Mattapoisett’s New Year’s Day Polar Plunge


Record Numbers Take the New Year’s Plunge

There were more people on Mattapoisett’s Town Beach on New Year’s Day morning than on a hot summer’s day in the middle of July. And whether the beachgoers were there to plunge into the 47-degree ocean water or there to support the swimmers and the event, everyone was in a party mood.

The fourth annual New Year’s Day Polar Plunge called “Freezin’ for a Reason” supports cancer victims and their families.

The impetus for this annual campaign was the Huggins’ own experience with the crushing financial burden that can come with a life-threatening illness. When Will Huggins became ill, they received financial assistance from the BAM Foundation, a local fundraising group that provides financial assistance to individuals and families dealing with cancer. The assistance that BAM gave to the Huggins’ helped keep them afloat until Will could get back on his feet, literally. Now they are giving back with support from the community and others both near and far.

The day before the big event, a tent was erected complete with a heater to warm the crowd. Will and a couple of his helpers delivered fuel to the beach for the big bonfire that would be blazing to warm up the party-goers before, during, and after the plunge. The prep team even cleaned the beach of seaweed.

The chilly morning to follow would find local eateries donating hot chocolate and coffee, cups of chowder, and one venue opened its doors for an after party from which a portion of the proceeds would be donated to the cause.

Everything was in full swing by 11:00 am.

The call for self-expression in the form of inventive beachwear was heeded with folks showing up in custom swimming suits. There was a group donning yellow cubes and singing, “We all live in a yellow submarine,” while snaking through the crowd. In real life they were Mat and Russell Luiz, Charles and Laura Buckley, Jean and Scott Pease, and Karen Barrows.

There was a unicorn, several Santas, some corals, and lots of bare skin shivering in the weak sunlight. There were also a rather surprising number of children who were there for more than the fun.

Nine-year-old Scott Falvey was in attendance with about 20 members of his extended family to jump in the water in memory of his Papa Fagan. The elder Fagan was a cancer victim, but on this day his joyful family was lovingly remembering him by helping others. The family team also included Maryellen Fagan, Mark Falvey, Kaitlyn Popson, and Scott Falvey, to name a few.

There were veterans and first-timers queuing up as the clock neared noontime.

Andy Pacheco of New Bedford was a “virgin” plunger, his wife Amanda a cancer survivor.

“I decided, ‘why not,’” she said with a sly smile while poking her husband.

Cheryl Makuch, Mattapoisett, was jumping in to show support for her friend who is battling cancer. Eight-year-old Hunter Horsey of Marion, a first-timer, was going in for his step-brother, while ten-year-old Caleb Miconi of Attleboro, also a first-timer, had been convinced by his mother to try it out.

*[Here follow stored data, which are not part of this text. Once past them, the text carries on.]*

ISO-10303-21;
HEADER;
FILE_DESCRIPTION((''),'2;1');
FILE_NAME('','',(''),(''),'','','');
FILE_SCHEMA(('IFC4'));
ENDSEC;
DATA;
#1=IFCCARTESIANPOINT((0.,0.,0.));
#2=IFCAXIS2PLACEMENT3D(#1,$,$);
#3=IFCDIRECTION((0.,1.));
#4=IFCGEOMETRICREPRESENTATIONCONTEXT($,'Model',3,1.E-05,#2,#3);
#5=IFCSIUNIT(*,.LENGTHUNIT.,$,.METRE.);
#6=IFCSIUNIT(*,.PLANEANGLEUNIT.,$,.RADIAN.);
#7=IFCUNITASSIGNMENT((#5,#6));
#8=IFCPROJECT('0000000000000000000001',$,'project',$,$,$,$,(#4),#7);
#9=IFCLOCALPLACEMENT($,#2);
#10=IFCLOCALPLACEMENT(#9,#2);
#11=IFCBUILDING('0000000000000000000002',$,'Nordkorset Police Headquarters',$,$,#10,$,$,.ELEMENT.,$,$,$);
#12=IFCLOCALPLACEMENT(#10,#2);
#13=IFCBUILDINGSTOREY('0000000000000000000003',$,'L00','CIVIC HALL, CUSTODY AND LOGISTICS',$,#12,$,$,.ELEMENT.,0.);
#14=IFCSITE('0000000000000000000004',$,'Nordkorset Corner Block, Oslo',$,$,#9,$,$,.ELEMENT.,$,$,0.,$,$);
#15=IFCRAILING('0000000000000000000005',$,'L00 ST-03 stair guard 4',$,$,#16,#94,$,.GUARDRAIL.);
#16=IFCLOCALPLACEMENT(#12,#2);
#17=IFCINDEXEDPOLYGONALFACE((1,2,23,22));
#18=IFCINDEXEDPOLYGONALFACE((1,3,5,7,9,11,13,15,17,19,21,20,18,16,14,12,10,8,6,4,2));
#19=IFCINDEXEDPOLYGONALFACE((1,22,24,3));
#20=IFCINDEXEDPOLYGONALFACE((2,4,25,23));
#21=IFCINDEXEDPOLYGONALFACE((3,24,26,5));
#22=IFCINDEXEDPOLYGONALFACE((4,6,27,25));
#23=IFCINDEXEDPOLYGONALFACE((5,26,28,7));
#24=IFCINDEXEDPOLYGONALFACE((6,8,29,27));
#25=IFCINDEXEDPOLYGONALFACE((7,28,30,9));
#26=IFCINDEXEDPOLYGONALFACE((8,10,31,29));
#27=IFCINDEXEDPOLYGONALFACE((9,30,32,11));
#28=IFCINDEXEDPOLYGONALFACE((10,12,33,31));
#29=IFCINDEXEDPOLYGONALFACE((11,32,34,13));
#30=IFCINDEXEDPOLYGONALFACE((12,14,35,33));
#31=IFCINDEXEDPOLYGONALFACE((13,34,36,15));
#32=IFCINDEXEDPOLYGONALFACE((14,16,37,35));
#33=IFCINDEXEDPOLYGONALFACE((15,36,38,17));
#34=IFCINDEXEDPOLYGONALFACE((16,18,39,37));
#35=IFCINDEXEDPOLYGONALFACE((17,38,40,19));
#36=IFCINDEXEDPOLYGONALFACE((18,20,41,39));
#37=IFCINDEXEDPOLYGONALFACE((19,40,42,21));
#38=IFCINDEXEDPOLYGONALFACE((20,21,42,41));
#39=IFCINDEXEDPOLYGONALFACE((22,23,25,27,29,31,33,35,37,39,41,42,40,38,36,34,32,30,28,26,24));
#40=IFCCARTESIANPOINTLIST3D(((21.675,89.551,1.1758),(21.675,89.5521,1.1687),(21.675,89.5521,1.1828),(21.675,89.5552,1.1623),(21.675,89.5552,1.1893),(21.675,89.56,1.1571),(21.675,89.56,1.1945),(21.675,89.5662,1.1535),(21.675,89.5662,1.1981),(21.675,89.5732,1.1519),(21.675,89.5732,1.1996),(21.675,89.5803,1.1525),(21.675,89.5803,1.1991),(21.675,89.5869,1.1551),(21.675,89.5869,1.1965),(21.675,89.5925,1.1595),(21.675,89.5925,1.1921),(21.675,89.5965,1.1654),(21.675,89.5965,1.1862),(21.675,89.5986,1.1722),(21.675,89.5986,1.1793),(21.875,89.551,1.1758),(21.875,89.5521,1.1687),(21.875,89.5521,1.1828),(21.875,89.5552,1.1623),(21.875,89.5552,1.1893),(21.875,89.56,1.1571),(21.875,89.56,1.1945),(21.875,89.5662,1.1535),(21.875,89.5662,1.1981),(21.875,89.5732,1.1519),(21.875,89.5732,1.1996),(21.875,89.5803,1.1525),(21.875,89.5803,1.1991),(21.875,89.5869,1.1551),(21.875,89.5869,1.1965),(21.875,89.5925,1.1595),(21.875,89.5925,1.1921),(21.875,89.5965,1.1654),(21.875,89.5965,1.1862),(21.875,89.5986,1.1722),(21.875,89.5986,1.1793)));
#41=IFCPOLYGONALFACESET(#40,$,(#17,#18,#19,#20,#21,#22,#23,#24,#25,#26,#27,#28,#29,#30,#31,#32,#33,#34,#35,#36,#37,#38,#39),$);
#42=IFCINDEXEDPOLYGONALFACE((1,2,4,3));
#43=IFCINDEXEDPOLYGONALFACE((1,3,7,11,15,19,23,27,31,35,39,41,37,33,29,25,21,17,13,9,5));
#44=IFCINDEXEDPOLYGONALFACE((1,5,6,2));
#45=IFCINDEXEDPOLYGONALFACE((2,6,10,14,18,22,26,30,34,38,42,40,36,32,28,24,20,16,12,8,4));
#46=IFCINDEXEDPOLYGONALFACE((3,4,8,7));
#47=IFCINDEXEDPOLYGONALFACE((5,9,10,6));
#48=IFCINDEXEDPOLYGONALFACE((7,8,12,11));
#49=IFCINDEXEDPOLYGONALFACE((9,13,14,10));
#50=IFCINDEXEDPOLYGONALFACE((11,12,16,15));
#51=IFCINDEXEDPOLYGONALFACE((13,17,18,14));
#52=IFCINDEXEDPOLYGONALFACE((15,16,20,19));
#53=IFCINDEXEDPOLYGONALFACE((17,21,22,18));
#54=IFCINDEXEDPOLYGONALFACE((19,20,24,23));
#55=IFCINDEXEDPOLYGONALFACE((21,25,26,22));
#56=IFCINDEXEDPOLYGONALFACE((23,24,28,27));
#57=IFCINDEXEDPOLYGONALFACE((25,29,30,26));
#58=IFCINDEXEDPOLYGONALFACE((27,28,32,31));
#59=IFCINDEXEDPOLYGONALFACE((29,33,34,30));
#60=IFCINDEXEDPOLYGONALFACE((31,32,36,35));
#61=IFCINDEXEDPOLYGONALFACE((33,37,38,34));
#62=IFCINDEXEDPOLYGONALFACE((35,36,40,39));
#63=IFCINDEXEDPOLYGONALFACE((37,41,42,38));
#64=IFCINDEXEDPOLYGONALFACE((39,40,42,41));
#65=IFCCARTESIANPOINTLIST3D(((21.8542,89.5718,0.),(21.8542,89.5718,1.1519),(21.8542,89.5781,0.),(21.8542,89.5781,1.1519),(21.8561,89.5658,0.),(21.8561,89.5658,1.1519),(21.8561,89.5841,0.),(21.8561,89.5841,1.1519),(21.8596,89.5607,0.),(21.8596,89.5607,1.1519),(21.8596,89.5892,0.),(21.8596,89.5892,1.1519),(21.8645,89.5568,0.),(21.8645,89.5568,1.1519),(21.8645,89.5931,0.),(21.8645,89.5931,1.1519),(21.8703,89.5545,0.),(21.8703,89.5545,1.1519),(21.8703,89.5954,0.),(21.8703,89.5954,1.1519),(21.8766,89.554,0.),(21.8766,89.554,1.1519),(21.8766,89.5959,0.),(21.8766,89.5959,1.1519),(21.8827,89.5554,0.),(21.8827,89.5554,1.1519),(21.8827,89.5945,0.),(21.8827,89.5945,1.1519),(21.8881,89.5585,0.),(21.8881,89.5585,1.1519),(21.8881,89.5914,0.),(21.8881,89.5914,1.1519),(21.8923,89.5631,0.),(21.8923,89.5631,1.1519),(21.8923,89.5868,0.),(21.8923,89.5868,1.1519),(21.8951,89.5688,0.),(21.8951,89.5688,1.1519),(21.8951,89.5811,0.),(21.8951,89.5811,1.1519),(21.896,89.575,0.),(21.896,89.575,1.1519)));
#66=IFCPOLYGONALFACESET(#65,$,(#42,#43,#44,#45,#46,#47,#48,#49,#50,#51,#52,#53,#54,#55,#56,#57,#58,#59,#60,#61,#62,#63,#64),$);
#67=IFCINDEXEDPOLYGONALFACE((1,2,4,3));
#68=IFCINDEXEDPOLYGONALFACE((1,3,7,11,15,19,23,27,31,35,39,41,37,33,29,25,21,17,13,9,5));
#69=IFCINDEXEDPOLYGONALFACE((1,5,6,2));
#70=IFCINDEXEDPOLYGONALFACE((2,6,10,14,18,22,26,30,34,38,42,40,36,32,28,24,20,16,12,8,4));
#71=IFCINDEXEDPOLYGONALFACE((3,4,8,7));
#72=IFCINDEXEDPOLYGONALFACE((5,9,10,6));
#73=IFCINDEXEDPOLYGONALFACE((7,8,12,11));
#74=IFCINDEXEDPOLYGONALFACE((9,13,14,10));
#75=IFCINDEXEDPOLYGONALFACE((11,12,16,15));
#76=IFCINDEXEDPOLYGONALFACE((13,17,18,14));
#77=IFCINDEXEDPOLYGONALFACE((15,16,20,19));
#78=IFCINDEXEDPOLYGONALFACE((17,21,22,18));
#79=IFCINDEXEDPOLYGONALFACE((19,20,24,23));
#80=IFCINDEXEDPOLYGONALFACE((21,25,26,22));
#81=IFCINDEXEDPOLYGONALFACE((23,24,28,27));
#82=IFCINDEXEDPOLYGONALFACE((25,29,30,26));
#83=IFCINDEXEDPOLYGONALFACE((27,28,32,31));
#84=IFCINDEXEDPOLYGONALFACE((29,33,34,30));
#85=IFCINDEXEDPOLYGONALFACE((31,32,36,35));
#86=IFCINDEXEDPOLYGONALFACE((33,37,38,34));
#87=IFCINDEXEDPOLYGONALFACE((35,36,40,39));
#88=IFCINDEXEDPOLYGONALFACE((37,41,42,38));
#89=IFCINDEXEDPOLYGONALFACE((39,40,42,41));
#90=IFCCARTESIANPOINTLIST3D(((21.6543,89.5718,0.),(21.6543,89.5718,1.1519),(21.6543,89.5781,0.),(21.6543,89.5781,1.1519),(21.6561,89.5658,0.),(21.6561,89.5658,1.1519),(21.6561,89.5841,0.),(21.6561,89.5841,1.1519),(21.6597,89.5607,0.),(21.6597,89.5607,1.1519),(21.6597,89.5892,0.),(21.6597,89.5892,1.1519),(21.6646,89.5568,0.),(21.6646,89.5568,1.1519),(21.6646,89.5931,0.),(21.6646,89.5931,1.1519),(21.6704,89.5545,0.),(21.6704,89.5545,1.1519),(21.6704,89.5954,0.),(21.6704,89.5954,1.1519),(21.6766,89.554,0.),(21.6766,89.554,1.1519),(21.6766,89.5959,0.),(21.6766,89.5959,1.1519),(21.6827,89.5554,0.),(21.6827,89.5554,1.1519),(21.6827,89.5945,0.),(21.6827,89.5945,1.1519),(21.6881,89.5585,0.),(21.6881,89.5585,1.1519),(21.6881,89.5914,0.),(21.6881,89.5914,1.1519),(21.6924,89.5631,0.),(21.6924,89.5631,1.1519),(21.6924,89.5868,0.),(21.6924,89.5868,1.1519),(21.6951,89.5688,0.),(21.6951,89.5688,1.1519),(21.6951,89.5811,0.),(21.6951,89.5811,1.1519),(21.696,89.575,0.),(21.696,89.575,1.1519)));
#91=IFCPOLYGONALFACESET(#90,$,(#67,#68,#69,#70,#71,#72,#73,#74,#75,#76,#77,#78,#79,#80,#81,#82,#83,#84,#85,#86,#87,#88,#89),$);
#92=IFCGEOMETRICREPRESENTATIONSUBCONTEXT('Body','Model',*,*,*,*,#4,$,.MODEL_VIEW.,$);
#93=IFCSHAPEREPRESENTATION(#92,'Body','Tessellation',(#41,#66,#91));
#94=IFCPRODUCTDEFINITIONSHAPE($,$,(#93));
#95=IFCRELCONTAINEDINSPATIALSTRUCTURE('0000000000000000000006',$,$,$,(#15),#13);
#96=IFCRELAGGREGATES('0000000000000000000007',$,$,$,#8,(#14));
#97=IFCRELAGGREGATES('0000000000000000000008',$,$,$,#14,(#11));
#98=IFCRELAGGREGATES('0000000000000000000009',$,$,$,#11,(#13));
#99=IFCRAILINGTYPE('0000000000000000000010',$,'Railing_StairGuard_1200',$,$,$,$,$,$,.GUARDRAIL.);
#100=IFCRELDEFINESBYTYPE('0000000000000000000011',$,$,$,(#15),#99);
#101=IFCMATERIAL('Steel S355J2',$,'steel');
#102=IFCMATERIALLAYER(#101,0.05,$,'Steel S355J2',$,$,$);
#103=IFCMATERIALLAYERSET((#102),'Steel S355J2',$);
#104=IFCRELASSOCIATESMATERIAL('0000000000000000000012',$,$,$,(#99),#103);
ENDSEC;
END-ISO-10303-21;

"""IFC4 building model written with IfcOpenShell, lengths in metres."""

from ifc_helpers import new_model, si_unit, direction, frame, origin, origin_2d, place, context, subcontext, project, spatial, circle, extrude, material, layer, layer_set, type_object, element, save


model = new_model("IFC4")

# Units and contexts
model_context = context("Model", 3, precision=1e-05, world=origin(), true_north=direction((0.0, 1.0)))
body_context = subcontext(model_context, "Body", "Model", "MODEL_VIEW")
ifc_project = project(units=[si_unit("LENGTHUNIT", "METRE"), si_unit("PLANEANGLEUNIT", "RADIAN")], contexts=[model_context])

# Site, building, storey
site_placement = place(None, origin())
site = spatial("IfcSite", under=ifc_project, at=site_placement, Name="Nordkorset Corner Block, Oslo", CompositionType="ELEMENT", RefElevation=0.0)
building_placement = place(site_placement, origin())
building = spatial("IfcBuilding", under=site, at=building_placement, Name="Nordkorset Police Headquarters", CompositionType="ELEMENT")
storey_placement = place(building_placement, origin())
storey = spatial("IfcBuildingStorey", under=building, at=storey_placement, Name="L00", Description="CIVIC HALL, CUSTODY AND LOGISTICS", CompositionType="ELEMENT", Elevation=0.0)

# Railing
ifc_material_1 = material(Name="Steel S355J2", Category="steel")
ifc_layer_1 = layer(ifc_material_1, 0.05, Name="Steel S355J2")
ifc_layer_set_1 = layer_set([ifc_layer_1], Name="Steel S355J2")
railing_type = type_object("IfcRailingType", Name="Railing_StairGuard_1200", PredefinedType="GUARDRAIL", material=ifc_layer_set_1)
railing_1_placement = place(storey_placement, frame((21.875, 89.575, 0.0)))
element("IfcRailing", 1, at=railing_1_placement, inside=storey, type_object=railing_type, Name="L00 ST-03 stair guard 4", PredefinedType="GUARDRAIL", context=body_context, shape_type="SweptSolid", body=[
    extrude(circle(Radius=0.0239, at=origin_2d()), frame((0.0, 0.0, 1.1758), z_axis=(-1.0, 0.0, 0.0), x_axis=(0.0, -1.0, 0.0)), (0.0, 0.0, 1.0), 0.2),
    extrude(circle(Radius=0.021, at=origin_2d()), origin(), (0.0, 0.0, 1.0), 1.1519),
    extrude(circle(Radius=0.021, at=origin_2d()), frame((-0.2, 0.0, 0.0)), (0.0, 0.0, 1.0), 1.1519),
])

save(model, "model.ifc")
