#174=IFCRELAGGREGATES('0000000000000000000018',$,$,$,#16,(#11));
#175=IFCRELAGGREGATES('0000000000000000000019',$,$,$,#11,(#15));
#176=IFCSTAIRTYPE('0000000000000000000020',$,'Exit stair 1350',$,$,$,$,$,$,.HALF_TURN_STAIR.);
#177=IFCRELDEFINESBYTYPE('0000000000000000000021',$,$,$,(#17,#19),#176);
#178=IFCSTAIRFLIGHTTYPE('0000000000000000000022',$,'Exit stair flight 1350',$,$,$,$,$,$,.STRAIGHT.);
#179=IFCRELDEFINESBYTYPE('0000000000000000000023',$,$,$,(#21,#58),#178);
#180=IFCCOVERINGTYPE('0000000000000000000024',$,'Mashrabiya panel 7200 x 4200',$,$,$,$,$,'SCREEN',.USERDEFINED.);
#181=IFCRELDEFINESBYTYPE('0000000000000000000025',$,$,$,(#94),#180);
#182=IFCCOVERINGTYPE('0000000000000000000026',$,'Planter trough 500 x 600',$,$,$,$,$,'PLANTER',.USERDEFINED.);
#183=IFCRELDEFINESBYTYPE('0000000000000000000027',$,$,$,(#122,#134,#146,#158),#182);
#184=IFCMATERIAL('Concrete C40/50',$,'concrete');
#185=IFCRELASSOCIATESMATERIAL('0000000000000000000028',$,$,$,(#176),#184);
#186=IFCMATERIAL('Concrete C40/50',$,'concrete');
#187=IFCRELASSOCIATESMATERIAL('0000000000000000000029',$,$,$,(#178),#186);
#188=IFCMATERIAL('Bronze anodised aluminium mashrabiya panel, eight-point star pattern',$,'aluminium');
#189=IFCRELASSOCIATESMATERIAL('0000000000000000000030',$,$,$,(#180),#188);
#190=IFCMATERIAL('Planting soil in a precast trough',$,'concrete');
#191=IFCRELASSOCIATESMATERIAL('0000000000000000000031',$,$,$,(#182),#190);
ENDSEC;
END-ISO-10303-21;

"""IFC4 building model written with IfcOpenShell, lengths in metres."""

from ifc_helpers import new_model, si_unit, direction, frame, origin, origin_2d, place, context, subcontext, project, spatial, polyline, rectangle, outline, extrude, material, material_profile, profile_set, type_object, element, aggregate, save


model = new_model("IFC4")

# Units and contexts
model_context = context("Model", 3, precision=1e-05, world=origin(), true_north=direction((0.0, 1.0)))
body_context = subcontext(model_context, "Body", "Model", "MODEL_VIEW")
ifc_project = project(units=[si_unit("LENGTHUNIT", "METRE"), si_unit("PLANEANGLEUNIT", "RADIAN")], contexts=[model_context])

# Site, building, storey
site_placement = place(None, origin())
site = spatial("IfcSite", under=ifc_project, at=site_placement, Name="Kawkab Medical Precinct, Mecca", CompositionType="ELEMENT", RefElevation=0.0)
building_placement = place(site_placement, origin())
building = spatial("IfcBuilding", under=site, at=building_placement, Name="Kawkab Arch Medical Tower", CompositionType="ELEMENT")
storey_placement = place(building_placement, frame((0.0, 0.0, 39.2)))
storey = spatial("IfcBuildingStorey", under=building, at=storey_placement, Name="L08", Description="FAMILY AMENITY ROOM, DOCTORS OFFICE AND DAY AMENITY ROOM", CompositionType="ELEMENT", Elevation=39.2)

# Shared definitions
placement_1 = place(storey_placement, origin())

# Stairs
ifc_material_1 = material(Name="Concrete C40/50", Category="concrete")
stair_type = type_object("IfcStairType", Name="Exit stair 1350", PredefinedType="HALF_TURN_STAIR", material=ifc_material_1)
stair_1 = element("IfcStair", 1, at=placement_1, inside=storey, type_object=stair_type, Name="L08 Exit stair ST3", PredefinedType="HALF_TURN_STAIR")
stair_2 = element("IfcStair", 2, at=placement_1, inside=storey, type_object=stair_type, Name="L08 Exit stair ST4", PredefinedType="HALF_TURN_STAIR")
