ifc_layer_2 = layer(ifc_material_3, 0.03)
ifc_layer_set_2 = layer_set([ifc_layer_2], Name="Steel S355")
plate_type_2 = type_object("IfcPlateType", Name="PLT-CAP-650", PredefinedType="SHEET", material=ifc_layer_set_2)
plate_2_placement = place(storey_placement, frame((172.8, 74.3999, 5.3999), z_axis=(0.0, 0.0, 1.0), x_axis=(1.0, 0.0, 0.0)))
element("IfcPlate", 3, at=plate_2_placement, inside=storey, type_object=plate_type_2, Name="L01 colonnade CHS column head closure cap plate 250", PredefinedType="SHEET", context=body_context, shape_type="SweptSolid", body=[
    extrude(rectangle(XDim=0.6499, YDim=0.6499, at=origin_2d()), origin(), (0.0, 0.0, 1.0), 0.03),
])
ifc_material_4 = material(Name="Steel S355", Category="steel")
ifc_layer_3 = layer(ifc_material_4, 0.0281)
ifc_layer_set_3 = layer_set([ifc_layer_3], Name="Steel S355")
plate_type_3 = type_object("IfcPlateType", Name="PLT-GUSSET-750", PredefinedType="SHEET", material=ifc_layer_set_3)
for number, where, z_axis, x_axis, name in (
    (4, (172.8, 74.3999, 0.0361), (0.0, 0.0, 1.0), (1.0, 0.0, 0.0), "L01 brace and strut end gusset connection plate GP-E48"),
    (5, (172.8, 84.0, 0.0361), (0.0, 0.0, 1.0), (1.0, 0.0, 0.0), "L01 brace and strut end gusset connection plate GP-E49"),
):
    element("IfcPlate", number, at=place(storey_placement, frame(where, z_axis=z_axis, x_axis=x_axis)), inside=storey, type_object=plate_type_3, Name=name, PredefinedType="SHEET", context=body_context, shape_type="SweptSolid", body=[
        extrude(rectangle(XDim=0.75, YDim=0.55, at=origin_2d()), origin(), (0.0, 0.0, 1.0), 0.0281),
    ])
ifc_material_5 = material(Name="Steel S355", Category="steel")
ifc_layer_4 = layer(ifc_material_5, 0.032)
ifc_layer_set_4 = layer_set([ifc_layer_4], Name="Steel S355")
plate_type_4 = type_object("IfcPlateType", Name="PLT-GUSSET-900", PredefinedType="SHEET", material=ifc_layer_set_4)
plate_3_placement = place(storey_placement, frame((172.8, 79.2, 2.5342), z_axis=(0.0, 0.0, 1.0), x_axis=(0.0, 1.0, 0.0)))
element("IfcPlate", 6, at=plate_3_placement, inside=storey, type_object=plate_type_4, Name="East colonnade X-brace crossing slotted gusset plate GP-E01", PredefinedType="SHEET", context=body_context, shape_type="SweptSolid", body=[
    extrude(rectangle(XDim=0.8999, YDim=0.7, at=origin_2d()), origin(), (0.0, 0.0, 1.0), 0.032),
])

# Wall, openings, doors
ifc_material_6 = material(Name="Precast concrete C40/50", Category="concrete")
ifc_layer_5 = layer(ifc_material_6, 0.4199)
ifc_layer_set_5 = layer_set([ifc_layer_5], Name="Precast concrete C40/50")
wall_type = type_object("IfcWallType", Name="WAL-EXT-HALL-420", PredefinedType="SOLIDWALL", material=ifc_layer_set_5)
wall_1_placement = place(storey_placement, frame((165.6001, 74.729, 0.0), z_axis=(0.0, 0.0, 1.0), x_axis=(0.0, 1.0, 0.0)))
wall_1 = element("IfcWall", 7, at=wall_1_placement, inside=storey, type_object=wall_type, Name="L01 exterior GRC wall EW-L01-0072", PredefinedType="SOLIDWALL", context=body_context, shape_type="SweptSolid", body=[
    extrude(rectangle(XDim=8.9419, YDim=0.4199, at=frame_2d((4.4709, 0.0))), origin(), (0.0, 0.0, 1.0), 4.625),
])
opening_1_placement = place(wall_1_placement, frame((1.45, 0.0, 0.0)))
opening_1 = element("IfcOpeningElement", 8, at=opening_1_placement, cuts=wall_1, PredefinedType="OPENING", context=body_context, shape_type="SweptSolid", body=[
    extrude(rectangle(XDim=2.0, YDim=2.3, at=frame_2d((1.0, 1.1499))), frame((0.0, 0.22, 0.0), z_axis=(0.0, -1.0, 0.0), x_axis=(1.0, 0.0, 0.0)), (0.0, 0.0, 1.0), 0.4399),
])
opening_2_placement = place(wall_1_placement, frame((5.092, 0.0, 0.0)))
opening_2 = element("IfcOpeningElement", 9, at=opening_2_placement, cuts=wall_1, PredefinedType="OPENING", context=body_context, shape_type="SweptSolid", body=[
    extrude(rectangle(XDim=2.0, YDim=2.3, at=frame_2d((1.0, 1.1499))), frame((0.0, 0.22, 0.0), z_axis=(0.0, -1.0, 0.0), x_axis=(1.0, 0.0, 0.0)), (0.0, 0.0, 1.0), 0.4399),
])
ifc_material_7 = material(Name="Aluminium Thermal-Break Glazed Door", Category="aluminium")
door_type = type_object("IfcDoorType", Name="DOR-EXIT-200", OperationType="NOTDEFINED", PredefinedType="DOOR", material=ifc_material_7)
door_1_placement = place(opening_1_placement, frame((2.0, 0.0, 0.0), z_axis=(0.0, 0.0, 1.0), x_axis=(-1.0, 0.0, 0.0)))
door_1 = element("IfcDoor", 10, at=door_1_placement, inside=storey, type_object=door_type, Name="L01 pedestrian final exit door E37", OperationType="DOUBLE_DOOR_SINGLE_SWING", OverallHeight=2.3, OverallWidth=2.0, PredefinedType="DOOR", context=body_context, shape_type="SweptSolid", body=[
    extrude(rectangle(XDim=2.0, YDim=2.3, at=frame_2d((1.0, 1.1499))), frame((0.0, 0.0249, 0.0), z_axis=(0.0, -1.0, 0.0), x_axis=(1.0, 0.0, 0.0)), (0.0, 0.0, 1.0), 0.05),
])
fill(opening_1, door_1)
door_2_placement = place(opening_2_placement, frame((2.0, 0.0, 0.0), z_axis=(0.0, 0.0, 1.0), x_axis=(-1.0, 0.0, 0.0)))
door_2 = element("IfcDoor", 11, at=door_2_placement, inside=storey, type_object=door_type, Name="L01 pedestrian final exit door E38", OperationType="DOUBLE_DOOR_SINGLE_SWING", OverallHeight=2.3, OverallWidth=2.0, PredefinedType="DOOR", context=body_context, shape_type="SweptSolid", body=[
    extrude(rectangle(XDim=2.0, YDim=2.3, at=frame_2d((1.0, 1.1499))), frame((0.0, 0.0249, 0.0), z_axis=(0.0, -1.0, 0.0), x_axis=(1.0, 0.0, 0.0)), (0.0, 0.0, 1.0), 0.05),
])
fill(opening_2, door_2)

Marlene East, Marion, her daughter Kate Houdelette, and granddaughters Liz, 9, and Caroline, 7, formed a three-generation team.

“I wanted to give them something fun to remember me by,” East laughingly declared.

Carol Lamarr, a veteran of the event said, “I do this to start the year out fresh … to cleanse my mind and body.”

Cathy, Karl, and Austin Spooner, another family team, called it a “crazy thing to do,” but one they looked forward to sharing.

Tom Waldron, Mattapoisett, and his twin 9-year-old sons, Tom and Liam, were going in for the second year in a row and hoped to make it an annual event for their family.

Chris Souza, Fairhaven, called himself a professional plunger, doing several winter swims in support of those dealing with cancer.

“It’s on my bucket list every year,” Cindy Bernier declared, while Maureen McQuillian said she was participating in support of everyone who has fought the fight, especially her mother and several friends.

After the splashing, laughing, and screaming had subsided, Michelle Huggins said, “I made 500 prayer ribbons, and I think at least 100 people actually went in the water.”

Prayer ribbons had been handed out to everyone entering the beach and a line was strung so that those wishing to could tie the ribbon to the line and send their prayers into the heavens.

Huggins said they wouldn’t know for about a week how much money had been raised as they waited for a tally from their GoFundMe website and from commercial establishments donating a portion of their proceeds. She said that last year they were able to help six families.

“My husband works with a local social worker who identifies families struggling with financial hardships associated with unforeseen costs from cancer treatments,” Huggins stated. With the help of the social worker, the money collected is distributed. This year, she hopes they can do even more. And if the turnout from the 2016 event is any measure, the Huggins’ dream of helping as many people as possible seems to be coming true.